Samsung plummets 7%, dragging down AI chip stocks; Cramer: Funds are flowing back to tech giants like Amazon and Meta
Complete. Here is the key summarySamsung Electronics' earnings report fell short of expectations, causing its stock price to plummet by 7%, raising market concerns about a slowdown in AI hardware demand, which has dragged down supply chain stocks like Micron. CNBC host Jim Cramer pointed out that funds are shifting from AI hardware to large tech platforms and enterprise software stocks like Amazon and Meta, indicating a change in the focus of AI investments
Samsung Electronics' latest financial report has triggered a reassessment of the demand in the AI industry chain. Jim Cramer, host of CNBC's financial program "Mad Money," stated that the capital flow in the U.S. stock market on Tuesday may indicate a shift in the focus of AI investments, moving from the AI hardware supply chain back to large tech platforms and enterprise software companies.

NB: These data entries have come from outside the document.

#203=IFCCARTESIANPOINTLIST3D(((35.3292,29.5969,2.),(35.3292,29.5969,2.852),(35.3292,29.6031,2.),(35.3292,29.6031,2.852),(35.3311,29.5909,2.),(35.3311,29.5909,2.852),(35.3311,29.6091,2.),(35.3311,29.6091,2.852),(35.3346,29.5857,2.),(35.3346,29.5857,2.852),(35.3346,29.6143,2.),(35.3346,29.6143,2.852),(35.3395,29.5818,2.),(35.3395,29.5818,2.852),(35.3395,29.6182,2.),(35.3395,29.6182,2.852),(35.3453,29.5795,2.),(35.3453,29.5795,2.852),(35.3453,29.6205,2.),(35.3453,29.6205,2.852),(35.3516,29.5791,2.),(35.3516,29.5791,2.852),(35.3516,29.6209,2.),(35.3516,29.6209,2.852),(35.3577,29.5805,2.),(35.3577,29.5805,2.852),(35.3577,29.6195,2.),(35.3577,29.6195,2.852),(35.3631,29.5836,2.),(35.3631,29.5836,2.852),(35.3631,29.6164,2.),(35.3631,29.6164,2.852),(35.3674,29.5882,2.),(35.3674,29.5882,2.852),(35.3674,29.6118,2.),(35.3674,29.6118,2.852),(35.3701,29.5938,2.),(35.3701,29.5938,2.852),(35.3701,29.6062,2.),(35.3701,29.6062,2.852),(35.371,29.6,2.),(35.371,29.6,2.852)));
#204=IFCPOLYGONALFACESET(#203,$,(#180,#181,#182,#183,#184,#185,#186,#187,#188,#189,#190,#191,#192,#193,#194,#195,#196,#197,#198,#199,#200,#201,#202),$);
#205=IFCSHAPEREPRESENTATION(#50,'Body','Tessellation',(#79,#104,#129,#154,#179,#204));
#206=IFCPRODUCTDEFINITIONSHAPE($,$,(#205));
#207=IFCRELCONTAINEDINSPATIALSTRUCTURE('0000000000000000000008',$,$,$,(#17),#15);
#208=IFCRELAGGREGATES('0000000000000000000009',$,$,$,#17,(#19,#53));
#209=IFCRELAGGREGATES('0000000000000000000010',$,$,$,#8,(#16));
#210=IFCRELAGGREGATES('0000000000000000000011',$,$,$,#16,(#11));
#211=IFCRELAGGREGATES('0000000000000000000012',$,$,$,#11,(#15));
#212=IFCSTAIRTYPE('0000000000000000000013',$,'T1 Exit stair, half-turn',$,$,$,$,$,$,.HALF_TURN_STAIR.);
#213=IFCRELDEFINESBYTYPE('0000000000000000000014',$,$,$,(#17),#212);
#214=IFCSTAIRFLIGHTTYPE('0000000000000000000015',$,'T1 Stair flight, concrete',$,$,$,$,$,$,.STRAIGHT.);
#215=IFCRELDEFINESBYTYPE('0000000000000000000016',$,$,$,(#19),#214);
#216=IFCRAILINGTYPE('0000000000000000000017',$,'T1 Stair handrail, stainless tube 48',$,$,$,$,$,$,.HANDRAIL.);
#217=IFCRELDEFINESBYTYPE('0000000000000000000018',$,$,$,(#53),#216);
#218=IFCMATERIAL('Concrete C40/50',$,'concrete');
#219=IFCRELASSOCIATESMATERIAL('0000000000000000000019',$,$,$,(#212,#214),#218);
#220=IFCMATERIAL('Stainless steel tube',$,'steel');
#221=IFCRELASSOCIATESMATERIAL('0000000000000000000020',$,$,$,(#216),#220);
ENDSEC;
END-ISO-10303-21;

After Samsung Electronics released its latest financial report, its stock price plummeted by 7% in a single day. Cramer remarked that Samsung's financial results could be described as "good, but not good enough." Although the overall performance was strong, it failed to meet the market's high expectations for the rapid growth of AI memory demand, prompting investors to reassess the growth prospects of the AI hardware supply chain.
Affected by Samsung's stock price drop, the market quickly extended related concerns to the overall AI hardware supply chain, particularly companies involved in data center construction. Micron ( MU-US) , as one of Samsung's main competitors in the memory market, saw its stock price decline by 4.7% that day, reflecting market worries that the growth in demand for high-bandwidth memory (HBM) and other AI memory may slow down.

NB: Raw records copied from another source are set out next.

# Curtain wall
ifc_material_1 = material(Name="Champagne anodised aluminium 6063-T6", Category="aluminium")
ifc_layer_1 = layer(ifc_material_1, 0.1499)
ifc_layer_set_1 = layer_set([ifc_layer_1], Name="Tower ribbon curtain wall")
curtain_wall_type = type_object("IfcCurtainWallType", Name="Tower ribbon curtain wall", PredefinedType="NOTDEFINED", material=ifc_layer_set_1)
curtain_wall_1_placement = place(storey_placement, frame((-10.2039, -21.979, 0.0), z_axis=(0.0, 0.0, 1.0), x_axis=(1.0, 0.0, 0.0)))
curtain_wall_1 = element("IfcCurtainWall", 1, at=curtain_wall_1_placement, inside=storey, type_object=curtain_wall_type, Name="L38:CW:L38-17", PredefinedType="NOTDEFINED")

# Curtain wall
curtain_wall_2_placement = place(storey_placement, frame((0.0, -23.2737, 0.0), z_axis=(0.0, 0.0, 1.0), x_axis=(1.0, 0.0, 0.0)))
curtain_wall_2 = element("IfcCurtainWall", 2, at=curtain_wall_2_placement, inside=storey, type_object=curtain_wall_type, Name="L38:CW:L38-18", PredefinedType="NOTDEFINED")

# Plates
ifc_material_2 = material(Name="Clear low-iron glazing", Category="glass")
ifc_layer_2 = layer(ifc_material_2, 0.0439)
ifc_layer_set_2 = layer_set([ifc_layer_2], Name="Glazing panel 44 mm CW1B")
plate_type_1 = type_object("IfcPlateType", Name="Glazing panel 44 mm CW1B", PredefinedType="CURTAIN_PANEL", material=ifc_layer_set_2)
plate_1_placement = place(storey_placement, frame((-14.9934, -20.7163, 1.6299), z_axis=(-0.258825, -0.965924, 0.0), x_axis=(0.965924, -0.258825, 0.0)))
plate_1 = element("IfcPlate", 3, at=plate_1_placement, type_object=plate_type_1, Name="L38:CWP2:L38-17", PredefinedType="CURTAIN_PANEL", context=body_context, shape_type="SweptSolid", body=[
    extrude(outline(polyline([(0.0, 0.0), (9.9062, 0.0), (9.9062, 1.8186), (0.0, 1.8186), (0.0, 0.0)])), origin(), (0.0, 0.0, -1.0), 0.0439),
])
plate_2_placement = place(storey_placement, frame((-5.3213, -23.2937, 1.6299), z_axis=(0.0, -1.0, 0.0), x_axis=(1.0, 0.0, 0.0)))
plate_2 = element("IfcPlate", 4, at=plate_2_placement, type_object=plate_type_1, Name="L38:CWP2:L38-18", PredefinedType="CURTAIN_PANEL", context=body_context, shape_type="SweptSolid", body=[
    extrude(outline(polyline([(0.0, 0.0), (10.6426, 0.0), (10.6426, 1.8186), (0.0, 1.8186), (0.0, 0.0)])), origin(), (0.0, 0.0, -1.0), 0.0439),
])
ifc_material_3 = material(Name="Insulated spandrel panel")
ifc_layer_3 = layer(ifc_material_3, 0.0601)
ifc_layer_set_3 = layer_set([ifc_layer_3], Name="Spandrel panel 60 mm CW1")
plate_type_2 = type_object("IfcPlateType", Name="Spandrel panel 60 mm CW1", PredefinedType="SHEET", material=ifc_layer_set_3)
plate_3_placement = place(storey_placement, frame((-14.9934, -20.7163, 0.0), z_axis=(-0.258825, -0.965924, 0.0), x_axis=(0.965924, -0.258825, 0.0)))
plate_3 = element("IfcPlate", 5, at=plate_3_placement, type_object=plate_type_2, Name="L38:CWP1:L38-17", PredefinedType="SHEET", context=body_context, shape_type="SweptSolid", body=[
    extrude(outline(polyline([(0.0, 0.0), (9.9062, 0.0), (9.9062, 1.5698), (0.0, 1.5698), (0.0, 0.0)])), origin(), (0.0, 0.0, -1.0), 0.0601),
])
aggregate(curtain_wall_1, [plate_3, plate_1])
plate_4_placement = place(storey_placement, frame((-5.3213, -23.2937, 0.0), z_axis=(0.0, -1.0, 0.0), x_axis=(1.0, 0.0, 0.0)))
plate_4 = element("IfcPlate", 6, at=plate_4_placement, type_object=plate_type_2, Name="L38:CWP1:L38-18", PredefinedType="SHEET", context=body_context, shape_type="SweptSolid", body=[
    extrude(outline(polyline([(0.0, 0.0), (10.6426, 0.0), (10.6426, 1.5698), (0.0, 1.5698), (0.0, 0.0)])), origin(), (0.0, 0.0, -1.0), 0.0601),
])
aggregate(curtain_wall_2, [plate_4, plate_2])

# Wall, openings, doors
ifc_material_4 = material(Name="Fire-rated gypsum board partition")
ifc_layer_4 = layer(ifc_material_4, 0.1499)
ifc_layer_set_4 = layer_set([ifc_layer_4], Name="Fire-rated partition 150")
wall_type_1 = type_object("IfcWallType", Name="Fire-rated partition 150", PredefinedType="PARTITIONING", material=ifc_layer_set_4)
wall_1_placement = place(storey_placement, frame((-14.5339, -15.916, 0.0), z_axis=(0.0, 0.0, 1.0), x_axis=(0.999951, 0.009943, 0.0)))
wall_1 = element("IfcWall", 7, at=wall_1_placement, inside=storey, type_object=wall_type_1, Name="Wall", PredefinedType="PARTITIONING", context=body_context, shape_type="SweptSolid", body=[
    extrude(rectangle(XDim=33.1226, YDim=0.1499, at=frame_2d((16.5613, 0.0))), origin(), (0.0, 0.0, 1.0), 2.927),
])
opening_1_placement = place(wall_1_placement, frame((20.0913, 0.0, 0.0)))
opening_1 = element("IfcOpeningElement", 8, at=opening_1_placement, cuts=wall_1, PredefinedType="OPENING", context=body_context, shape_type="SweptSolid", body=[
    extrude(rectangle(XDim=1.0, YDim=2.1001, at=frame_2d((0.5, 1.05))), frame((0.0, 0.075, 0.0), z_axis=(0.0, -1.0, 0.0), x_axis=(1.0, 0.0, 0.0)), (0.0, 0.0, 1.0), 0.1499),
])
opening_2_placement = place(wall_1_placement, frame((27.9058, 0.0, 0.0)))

However, Cramer believes that what is more noteworthy is that the capital flow has not left tech stocks but has shifted towards large tech companies that have underperformed this year.
He pointed out that large tech stocks such as Amazon ( AMZN-US) , Alphabet ( GOOGL-US) , Meta Platforms ( META-US) , Apple ( AAPL-US) , and NVIDIA ( NVDA-US) attracted capital inflows that day, becoming an important support for the U.S. stock market.

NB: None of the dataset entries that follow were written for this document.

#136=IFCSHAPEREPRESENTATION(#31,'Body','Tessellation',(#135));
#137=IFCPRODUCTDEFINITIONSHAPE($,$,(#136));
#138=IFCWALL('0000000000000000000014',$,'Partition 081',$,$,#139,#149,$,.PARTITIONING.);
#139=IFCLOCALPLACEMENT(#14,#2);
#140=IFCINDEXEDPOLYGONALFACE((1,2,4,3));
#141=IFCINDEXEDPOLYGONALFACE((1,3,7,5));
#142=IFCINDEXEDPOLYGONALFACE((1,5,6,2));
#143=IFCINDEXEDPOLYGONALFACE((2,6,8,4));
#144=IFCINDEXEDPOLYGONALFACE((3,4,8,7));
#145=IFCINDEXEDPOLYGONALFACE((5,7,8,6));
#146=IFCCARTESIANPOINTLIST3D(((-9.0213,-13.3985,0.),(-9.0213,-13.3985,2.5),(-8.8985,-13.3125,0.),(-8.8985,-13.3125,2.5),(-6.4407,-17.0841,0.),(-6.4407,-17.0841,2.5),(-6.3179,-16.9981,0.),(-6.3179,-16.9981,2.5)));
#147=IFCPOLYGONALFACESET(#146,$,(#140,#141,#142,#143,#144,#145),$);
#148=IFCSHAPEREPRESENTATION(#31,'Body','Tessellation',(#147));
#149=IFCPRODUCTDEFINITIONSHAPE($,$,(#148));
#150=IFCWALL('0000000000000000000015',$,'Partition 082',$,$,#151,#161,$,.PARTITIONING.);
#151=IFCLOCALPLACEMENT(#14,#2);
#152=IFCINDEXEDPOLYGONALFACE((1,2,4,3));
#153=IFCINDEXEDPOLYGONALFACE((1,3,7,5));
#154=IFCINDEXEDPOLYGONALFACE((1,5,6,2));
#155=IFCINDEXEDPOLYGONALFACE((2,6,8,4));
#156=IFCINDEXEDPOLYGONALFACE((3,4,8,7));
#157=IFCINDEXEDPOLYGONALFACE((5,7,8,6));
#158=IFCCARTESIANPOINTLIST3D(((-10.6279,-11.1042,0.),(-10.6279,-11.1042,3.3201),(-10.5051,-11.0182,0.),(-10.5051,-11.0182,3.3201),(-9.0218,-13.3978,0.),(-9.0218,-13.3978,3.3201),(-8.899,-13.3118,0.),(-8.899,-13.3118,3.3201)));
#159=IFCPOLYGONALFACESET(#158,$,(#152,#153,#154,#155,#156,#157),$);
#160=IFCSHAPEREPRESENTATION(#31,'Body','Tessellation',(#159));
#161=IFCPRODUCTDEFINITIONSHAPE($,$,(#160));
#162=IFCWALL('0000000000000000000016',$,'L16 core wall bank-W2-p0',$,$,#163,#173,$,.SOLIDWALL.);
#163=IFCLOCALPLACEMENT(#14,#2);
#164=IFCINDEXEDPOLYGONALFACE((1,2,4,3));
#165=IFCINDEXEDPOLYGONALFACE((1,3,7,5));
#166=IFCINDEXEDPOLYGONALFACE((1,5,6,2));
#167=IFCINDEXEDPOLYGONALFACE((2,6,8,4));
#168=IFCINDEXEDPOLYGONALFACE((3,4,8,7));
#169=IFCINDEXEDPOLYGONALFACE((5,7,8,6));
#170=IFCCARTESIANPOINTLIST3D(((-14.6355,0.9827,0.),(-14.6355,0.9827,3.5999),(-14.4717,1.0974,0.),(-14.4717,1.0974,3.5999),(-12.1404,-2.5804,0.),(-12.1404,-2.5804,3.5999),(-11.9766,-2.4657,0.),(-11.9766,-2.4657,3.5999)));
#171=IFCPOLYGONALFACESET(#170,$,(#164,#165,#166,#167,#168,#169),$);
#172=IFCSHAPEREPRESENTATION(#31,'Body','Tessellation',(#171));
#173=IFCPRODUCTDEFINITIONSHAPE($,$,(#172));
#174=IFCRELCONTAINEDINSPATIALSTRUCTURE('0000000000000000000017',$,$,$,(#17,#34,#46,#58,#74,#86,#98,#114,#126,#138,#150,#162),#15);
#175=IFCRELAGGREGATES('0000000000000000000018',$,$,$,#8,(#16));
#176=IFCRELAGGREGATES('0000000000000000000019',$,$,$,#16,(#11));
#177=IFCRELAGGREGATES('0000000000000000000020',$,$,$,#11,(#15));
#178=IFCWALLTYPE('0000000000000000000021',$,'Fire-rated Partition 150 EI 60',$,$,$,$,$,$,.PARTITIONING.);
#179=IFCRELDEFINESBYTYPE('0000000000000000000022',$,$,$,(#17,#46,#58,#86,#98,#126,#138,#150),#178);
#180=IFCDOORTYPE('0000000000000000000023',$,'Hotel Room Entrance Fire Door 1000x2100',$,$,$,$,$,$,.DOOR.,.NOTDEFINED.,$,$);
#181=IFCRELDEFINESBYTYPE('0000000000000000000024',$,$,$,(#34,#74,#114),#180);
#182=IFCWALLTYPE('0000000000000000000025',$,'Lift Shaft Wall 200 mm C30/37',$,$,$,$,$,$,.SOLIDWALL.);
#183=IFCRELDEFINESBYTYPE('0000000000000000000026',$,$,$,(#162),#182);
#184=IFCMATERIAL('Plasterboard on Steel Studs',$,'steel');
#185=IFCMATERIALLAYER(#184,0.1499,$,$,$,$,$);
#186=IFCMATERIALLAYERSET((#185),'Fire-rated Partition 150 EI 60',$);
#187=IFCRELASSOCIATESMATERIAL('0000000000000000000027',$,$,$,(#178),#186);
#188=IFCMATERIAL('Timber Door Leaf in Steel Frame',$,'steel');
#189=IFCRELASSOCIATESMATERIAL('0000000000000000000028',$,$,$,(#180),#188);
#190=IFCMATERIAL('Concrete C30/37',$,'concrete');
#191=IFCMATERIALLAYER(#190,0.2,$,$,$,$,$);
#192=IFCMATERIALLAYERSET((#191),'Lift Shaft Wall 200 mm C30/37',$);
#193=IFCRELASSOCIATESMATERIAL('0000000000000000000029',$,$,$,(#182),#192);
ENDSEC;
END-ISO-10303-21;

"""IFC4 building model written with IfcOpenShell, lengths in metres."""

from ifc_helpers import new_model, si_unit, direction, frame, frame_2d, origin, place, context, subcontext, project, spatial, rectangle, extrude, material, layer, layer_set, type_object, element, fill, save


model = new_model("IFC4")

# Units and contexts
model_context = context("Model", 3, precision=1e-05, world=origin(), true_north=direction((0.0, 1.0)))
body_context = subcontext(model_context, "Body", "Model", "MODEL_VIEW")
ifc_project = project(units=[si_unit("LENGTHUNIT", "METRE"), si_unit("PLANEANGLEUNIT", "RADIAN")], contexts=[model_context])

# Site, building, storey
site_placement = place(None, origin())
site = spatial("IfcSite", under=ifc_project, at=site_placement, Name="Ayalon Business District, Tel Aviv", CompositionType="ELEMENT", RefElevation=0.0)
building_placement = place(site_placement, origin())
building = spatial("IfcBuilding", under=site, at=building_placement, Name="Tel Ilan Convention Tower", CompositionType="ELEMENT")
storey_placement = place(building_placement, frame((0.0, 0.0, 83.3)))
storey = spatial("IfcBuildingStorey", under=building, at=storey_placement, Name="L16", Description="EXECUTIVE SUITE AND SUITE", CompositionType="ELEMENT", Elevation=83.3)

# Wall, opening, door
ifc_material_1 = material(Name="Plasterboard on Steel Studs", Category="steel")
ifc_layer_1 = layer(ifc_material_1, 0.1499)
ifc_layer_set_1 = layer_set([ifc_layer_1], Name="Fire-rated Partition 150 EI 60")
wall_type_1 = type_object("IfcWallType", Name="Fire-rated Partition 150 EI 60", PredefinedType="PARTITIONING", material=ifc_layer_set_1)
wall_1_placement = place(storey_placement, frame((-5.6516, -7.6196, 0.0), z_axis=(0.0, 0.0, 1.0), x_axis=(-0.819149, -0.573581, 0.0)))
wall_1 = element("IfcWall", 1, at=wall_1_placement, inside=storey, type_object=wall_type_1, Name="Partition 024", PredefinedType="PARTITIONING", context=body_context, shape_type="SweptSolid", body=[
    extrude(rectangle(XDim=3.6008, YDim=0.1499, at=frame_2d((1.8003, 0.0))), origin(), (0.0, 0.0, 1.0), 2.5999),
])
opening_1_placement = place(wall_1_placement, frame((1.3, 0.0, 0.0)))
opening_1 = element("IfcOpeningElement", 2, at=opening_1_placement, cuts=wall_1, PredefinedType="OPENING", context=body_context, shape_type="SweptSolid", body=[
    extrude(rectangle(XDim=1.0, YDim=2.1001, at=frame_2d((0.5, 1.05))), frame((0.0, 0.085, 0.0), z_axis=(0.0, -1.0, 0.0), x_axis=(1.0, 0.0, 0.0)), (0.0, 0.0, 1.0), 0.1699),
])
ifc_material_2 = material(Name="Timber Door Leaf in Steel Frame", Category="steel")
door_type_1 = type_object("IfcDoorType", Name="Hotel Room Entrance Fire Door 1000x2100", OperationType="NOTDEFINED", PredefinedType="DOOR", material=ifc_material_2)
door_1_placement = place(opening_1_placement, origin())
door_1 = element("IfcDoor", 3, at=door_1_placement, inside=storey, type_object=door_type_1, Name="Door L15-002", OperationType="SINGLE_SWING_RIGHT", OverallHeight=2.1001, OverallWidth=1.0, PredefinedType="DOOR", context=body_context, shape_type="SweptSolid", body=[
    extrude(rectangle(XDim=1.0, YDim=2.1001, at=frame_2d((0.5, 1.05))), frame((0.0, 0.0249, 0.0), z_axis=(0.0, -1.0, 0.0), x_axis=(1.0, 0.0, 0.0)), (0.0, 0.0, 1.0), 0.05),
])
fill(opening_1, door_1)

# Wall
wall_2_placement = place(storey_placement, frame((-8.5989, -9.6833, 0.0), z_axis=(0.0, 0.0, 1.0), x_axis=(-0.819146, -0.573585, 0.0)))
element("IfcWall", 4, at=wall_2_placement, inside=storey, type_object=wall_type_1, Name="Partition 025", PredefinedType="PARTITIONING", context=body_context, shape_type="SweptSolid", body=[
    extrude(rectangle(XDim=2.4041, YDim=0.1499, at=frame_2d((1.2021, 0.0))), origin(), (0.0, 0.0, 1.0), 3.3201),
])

In addition to large tech platforms, the enterprise software sector also received market favor, with individual stocks such as Salesforce ( CRM-US) , Adobe ( ADBE-US) , and ServiceNow ( NOW-US) all receiving buying support The CNBC Investing Club managed by Jim Cramer currently holds stocks from companies such as Alphabet, Amazon, Apple, Meta, NVIDIA, and Salesforce.
Cramer stated that after a significant rise in AI supply chain-related stocks recently, market positions may have become overly crowded. Meanwhile, large tech companies that have been investing in AI data center construction have performed relatively weakly for most of this year. As a result, after valuation corrections, they are starting to attract funds for reallocation.
He pointed out that Amazon, Alphabet, and Meta have not performed well for most of this year, and investors are now beginning to reassess these companies' long-term value in the AI ecosystem.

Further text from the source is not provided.